The details stored is the user_id, the name and details of the shop, and the message sent by the user.

---

This code block modifies the booking.json file to be updated once a booking is confirmed.

```
def modify_book_json(json_book_path, booking_entry_dict):

    # Create the JSON file
    if not json_book_path.exists():
        with open(json_book_path, "w") as file:
            json.dump([], file)

    with open(json_book_path, "r") as file:
        try:
            booking_data = json.load(file)
        except json.JSONDecodeError:
            booking_data = []

    booking_data.append(booking_entry_dict)

    # Write new data
    with open(json_book_path, "w") as file:
        json.dump(booking_data, file, indent=4)
```

---
<br><br><br><br>

## fast_api_side

Below is the documentation for the fast_api_side .py file

---

This loads the dataframe and the embedding list so that the API can be called without reloading them everytime.

```
@asynccontextmanager
async def lifespan(app: FastAPI):
    try:
        df = pd.read_csv("expanded_dataset.csv")
        json_path = Path("embedding.json")
        embedding_list = embed_retrieve.load_embed_json(json_path)

        # Store in app state
        app.state.dataset = df
        app.state.embeddings = embedding_list

        print("Data loaded successfully.")
    except Exception as e:
        print(f"Error loading data: {e}")

    yield

```

---

This is the part that of the API that takes in the input.
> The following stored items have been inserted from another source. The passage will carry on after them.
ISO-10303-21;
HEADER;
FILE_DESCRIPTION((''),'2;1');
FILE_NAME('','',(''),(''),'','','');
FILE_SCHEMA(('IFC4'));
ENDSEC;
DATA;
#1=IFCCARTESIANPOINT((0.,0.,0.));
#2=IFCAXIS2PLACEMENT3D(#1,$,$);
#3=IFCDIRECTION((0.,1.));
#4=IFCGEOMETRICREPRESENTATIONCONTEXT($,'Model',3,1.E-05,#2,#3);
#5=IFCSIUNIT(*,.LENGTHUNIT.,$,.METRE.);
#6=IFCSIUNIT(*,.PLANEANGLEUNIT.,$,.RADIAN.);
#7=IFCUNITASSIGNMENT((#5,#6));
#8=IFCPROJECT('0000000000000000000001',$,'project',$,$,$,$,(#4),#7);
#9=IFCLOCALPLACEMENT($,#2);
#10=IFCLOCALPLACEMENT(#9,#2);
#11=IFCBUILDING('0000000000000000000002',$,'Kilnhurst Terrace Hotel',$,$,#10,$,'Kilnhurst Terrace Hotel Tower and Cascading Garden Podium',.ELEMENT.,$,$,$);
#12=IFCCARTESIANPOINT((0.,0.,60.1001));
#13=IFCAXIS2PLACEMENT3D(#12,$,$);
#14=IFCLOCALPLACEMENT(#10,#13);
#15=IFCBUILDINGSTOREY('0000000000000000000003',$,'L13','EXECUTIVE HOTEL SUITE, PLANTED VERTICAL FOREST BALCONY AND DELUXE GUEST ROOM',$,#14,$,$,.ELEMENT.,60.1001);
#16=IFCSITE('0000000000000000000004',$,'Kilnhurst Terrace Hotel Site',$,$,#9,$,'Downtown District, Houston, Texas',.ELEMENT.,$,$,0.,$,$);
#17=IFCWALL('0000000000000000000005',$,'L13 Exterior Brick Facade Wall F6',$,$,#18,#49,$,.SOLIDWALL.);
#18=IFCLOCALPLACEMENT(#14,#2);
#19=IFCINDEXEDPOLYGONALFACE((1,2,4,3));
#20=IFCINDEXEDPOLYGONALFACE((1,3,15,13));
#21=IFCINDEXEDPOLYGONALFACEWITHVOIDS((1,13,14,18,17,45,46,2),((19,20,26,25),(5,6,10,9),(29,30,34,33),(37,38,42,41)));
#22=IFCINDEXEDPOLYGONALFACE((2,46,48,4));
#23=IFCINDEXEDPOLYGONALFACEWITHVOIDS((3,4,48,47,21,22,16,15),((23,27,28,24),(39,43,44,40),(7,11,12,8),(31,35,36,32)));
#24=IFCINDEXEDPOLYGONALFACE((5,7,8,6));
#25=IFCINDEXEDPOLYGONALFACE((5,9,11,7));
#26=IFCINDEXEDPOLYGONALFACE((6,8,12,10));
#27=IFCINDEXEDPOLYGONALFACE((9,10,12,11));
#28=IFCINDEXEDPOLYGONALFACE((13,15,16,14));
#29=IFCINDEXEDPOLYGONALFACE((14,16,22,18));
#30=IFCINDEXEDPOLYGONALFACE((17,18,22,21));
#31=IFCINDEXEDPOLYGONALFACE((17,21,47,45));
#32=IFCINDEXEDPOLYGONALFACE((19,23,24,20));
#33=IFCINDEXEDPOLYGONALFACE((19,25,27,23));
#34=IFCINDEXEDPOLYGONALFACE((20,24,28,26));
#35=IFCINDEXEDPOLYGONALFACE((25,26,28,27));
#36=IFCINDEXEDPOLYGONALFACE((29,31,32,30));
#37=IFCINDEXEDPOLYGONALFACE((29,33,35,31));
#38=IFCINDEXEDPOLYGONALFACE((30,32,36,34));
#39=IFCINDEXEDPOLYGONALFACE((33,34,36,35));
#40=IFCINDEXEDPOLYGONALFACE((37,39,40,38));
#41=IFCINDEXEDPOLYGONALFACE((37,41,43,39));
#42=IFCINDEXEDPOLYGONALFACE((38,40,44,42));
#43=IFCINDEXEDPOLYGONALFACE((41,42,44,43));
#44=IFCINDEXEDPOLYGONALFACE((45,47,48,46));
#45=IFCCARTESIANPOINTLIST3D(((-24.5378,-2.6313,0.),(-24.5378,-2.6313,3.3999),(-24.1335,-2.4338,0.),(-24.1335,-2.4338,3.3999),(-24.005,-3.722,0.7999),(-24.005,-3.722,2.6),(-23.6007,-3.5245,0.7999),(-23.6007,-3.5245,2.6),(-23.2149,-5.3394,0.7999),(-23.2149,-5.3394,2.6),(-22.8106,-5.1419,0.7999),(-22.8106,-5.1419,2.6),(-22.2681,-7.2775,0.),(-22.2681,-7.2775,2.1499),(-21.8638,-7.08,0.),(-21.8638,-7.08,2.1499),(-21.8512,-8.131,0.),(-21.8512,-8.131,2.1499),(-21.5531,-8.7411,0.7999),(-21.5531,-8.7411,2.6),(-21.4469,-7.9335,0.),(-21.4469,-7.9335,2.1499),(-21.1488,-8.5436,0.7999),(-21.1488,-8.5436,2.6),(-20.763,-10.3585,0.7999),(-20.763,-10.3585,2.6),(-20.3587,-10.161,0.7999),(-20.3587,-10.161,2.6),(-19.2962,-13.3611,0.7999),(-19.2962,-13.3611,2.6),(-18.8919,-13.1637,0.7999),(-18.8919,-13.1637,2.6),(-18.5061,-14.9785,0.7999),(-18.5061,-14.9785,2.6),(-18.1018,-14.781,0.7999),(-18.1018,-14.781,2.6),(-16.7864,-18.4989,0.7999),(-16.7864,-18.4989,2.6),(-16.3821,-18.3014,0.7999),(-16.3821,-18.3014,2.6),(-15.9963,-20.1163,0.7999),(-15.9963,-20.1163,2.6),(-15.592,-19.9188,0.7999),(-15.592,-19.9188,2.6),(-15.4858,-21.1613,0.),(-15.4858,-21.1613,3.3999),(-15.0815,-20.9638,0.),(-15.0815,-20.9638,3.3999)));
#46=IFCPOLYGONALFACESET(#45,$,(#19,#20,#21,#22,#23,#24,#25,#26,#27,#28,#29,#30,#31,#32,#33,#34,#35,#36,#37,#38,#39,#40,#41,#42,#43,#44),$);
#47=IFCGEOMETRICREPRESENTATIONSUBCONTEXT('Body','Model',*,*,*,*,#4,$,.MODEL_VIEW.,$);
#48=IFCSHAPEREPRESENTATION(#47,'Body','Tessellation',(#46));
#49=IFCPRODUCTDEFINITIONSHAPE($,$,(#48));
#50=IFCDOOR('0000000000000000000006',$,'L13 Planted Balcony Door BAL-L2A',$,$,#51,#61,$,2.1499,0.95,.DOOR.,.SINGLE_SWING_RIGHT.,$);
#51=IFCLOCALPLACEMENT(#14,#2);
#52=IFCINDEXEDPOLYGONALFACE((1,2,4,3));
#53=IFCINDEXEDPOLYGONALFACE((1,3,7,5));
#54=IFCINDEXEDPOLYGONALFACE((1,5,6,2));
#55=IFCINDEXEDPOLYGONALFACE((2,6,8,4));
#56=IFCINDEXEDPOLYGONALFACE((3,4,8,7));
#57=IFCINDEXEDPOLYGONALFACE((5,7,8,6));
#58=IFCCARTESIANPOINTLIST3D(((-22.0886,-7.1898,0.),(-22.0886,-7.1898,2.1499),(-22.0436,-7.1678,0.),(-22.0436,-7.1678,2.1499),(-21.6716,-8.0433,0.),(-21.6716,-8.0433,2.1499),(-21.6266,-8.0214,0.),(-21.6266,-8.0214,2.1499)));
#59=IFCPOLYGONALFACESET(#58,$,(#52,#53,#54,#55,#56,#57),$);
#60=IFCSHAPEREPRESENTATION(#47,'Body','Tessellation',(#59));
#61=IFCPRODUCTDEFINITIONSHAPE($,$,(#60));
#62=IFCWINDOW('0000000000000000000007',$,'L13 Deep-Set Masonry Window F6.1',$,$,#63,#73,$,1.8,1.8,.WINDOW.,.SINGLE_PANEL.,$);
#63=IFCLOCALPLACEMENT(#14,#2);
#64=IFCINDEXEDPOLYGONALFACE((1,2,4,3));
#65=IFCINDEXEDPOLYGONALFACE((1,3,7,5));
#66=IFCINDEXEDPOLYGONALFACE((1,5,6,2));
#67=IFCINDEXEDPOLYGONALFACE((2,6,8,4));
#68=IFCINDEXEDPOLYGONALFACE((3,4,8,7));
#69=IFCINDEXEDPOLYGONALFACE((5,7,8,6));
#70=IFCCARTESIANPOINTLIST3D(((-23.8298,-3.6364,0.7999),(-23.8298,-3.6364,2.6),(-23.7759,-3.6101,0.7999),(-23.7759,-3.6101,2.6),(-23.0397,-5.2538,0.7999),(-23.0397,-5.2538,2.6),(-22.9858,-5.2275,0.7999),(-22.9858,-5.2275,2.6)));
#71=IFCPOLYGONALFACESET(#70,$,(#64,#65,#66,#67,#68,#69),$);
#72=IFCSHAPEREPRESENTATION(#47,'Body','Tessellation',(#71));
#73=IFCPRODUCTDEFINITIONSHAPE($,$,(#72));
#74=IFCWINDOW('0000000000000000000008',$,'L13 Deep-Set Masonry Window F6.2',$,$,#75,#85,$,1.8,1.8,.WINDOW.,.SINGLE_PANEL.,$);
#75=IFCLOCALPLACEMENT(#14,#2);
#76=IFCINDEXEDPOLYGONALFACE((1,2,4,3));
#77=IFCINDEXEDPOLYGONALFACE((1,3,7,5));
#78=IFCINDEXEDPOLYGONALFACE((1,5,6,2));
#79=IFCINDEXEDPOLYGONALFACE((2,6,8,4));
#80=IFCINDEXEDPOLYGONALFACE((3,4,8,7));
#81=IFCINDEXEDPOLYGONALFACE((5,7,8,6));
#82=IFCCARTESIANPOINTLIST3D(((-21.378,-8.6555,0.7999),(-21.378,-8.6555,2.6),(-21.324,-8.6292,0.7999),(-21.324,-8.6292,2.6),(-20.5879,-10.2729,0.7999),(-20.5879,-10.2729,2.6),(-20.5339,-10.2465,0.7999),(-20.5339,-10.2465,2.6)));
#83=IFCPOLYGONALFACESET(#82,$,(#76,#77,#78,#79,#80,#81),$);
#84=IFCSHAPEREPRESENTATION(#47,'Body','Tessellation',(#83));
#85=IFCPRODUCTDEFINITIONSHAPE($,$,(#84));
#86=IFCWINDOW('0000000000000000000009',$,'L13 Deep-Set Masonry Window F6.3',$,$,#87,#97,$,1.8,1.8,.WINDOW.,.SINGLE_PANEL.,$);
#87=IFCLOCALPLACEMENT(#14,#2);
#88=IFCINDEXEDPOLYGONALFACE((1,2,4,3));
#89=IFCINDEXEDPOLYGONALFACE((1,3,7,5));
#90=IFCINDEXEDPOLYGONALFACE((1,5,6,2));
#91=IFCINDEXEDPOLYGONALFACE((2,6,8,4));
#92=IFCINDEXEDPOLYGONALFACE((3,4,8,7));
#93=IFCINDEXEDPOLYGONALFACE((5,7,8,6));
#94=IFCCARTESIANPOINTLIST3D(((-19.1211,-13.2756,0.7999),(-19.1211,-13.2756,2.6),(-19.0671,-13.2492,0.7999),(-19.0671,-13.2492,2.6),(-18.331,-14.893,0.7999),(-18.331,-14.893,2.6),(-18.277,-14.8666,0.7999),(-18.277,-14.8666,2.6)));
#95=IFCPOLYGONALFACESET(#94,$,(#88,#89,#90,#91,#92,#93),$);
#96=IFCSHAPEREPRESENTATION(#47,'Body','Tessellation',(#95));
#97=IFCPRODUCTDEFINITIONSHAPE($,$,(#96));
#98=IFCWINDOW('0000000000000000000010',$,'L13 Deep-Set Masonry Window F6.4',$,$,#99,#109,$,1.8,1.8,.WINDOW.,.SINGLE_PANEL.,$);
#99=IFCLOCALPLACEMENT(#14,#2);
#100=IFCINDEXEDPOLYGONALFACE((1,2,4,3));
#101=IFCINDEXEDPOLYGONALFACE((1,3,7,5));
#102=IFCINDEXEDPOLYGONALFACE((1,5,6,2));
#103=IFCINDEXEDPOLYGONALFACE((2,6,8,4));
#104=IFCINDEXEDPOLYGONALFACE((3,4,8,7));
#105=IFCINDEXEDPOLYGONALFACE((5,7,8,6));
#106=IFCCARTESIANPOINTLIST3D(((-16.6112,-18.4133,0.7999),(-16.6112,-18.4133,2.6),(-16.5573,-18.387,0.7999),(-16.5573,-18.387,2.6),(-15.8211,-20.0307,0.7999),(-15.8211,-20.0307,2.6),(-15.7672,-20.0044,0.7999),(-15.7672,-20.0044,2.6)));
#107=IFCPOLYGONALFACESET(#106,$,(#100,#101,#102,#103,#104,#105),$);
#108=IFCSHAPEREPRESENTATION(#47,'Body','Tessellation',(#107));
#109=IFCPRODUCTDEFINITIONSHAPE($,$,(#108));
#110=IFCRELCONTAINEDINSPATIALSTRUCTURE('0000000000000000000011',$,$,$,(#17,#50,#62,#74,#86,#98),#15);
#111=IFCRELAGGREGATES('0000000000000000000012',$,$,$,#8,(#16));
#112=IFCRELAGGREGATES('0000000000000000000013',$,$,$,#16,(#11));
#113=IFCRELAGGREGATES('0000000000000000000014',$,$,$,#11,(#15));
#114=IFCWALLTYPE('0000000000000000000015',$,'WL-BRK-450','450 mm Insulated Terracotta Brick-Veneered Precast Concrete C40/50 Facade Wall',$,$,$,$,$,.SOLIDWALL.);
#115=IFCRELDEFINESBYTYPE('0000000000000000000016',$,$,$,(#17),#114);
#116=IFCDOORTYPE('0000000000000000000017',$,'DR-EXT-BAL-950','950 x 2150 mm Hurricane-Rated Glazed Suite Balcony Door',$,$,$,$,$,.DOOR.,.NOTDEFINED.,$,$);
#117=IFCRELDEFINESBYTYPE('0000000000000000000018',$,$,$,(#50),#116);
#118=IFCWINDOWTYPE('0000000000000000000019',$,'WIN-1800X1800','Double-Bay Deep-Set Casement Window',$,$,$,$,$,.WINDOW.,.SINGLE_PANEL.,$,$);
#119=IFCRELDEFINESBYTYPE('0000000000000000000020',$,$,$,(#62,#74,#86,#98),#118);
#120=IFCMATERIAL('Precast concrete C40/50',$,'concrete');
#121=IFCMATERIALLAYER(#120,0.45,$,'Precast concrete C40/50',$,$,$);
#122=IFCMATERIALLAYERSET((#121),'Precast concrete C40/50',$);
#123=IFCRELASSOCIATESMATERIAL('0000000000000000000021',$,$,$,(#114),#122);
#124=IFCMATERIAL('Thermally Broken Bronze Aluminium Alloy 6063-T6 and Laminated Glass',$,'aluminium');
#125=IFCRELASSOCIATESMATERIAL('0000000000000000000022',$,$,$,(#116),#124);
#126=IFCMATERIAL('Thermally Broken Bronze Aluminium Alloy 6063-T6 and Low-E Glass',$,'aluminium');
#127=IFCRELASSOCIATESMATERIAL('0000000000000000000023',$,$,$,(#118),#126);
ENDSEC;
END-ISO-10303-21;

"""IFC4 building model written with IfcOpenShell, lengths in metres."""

from ifc_helpers import new_model, si_unit, direction, frame, frame_2d, origin, place, context, subcontext, project, spatial, rectangle, extrude, material, layer, layer_set, type_object, element, fill, save


model = new_model("IFC4")

# Units and contexts
model_context = context("Model", 3, precision=1e-05, world=origin(), true_north=direction((0.0, 1.0)))
body_context = subcontext(model_context, "Body", "Model", "MODEL_VIEW")
ifc_project = project(units=[si_unit("LENGTHUNIT", "METRE"), si_unit("PLANEANGLEUNIT", "RADIAN")], contexts=[model_context])

# Site, building, storey
site_placement = place(None, origin())
site = spatial("IfcSite", under=ifc_project, at=site_placement, Name="Kilnhurst Terrace Hotel Site", LongName="Downtown District, Houston, Texas", CompositionType="ELEMENT", RefElevation=0.0)
building_placement = place(site_placement, origin())
building = spatial("IfcBuilding", under=site, at=building_placement, Name="Kilnhurst Terrace Hotel", LongName="Kilnhurst Terrace Hotel Tower and Cascading Garden Podium", CompositionType="ELEMENT")
storey_placement = place(building_placement, frame((0.0, 0.0, 60.1001)))
storey = spatial("IfcBuildingStorey", under=building, at=storey_placement, Name="L13", Description="EXECUTIVE HOTEL SUITE, PLANTED VERTICAL FOREST BALCONY AND DELUXE GUEST ROOM", CompositionType="ELEMENT", Elevation=60.1001)

# Wall, openings, door, windows
ifc_material_1 = material(Name="Precast concrete C40/50", Category="concrete")
ifc_layer_1 = layer(ifc_material_1, 0.45, Name="Precast concrete C40/50")
ifc_layer_set_1 = layer_set([ifc_layer_1], Name="Precast concrete C40/50")
wall_type_1 = type_object("IfcWallType", Name="WL-BRK-450", Description="450 mm Insulated Terracotta Brick-Veneered Precast Concrete C40/50 Facade Wall", PredefinedType="SOLIDWALL", material=ifc_layer_set_1)
wall_1_placement = place(storey_placement, frame((-24.3357, -2.5325, 0.0), z_axis=(0.0, 0.0, 1.0), x_axis=(0.438931, -0.898521, 0.0)))
wall_1 = element("IfcWall", 1, at=wall_1_placement, inside=storey, type_object=wall_type_1, Name="L13 Exterior Brick Facade Wall F6", PredefinedType="SOLIDWALL", context=body_context, shape_type="SweptSolid", body=[
    extrude(rectangle(XDim=20.6228, YDim=0.45, at=frame_2d((10.3115, 0.0))), origin(), (0.0, 0.0, 1.0), 3.3999),
])
opening_1_placement = place(wall_1_placement, frame((5.1709, 0.0, 0.0)))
The input is sent to the submit endpoint, where the code that process the input with the LLM and appropriate context is performed.

```
class QueryInput(BaseModel):
    query: str


# Endpoint that handles user queries
@app.post("/submit/")
async def submit_query(input_data: QueryInput, request: Request):
    df = request.app.state.dataset
    embedding_list = request.app.state.embeddings
    llm_name = "gemma3:1b-it-qat"

    user_input = input_data.query

    top_list = embed_retrieve.get_top_list(df, user_input, embedding_list)
    response_message, result_found, shop_tuple = augment_generate.generate_response(
        top_list, user_input, llm_name
    )

    return {
        "response": response_message,
        "found": result_found,
        "shop_tuple": shop_tuple,
    }
```

After processing, the API will return a dictionary containing the response, the status whether a match is found, and the appropriate shop details.

---

This is the part of the API that handles booking. The reply of the user is sent back again to the LLM. The LLM decides whether the user has shown desire to book.

If yes, the "user_id", name of the store, location of the store, and the message of the user is collected.

```
class BookingInput(BaseModel):
    user_input: str
    shop_tuple: tuple

# Endpoint that handles booking
@app.post("/book/")
async def book_table(input_data: BookingInput):
    from pathlib import Path

    json_book_path = Path("booking.json")  # or whatever your booking file is
    llm_name = "gemma3:1b-it-qat"

    book_status, booking_entry_dict = augment_generate.book_table_command(
        input_data.user_input, input_data.shop_tuple, llm_name
    )

    if book_status:
        augment_generate.modify_book_json(json_book_path, booking_entry_dict)

    return {"booked": book_status, "entry": booking_entry_dict if book_status else None}
```

The collected data can then be stored in a separate file.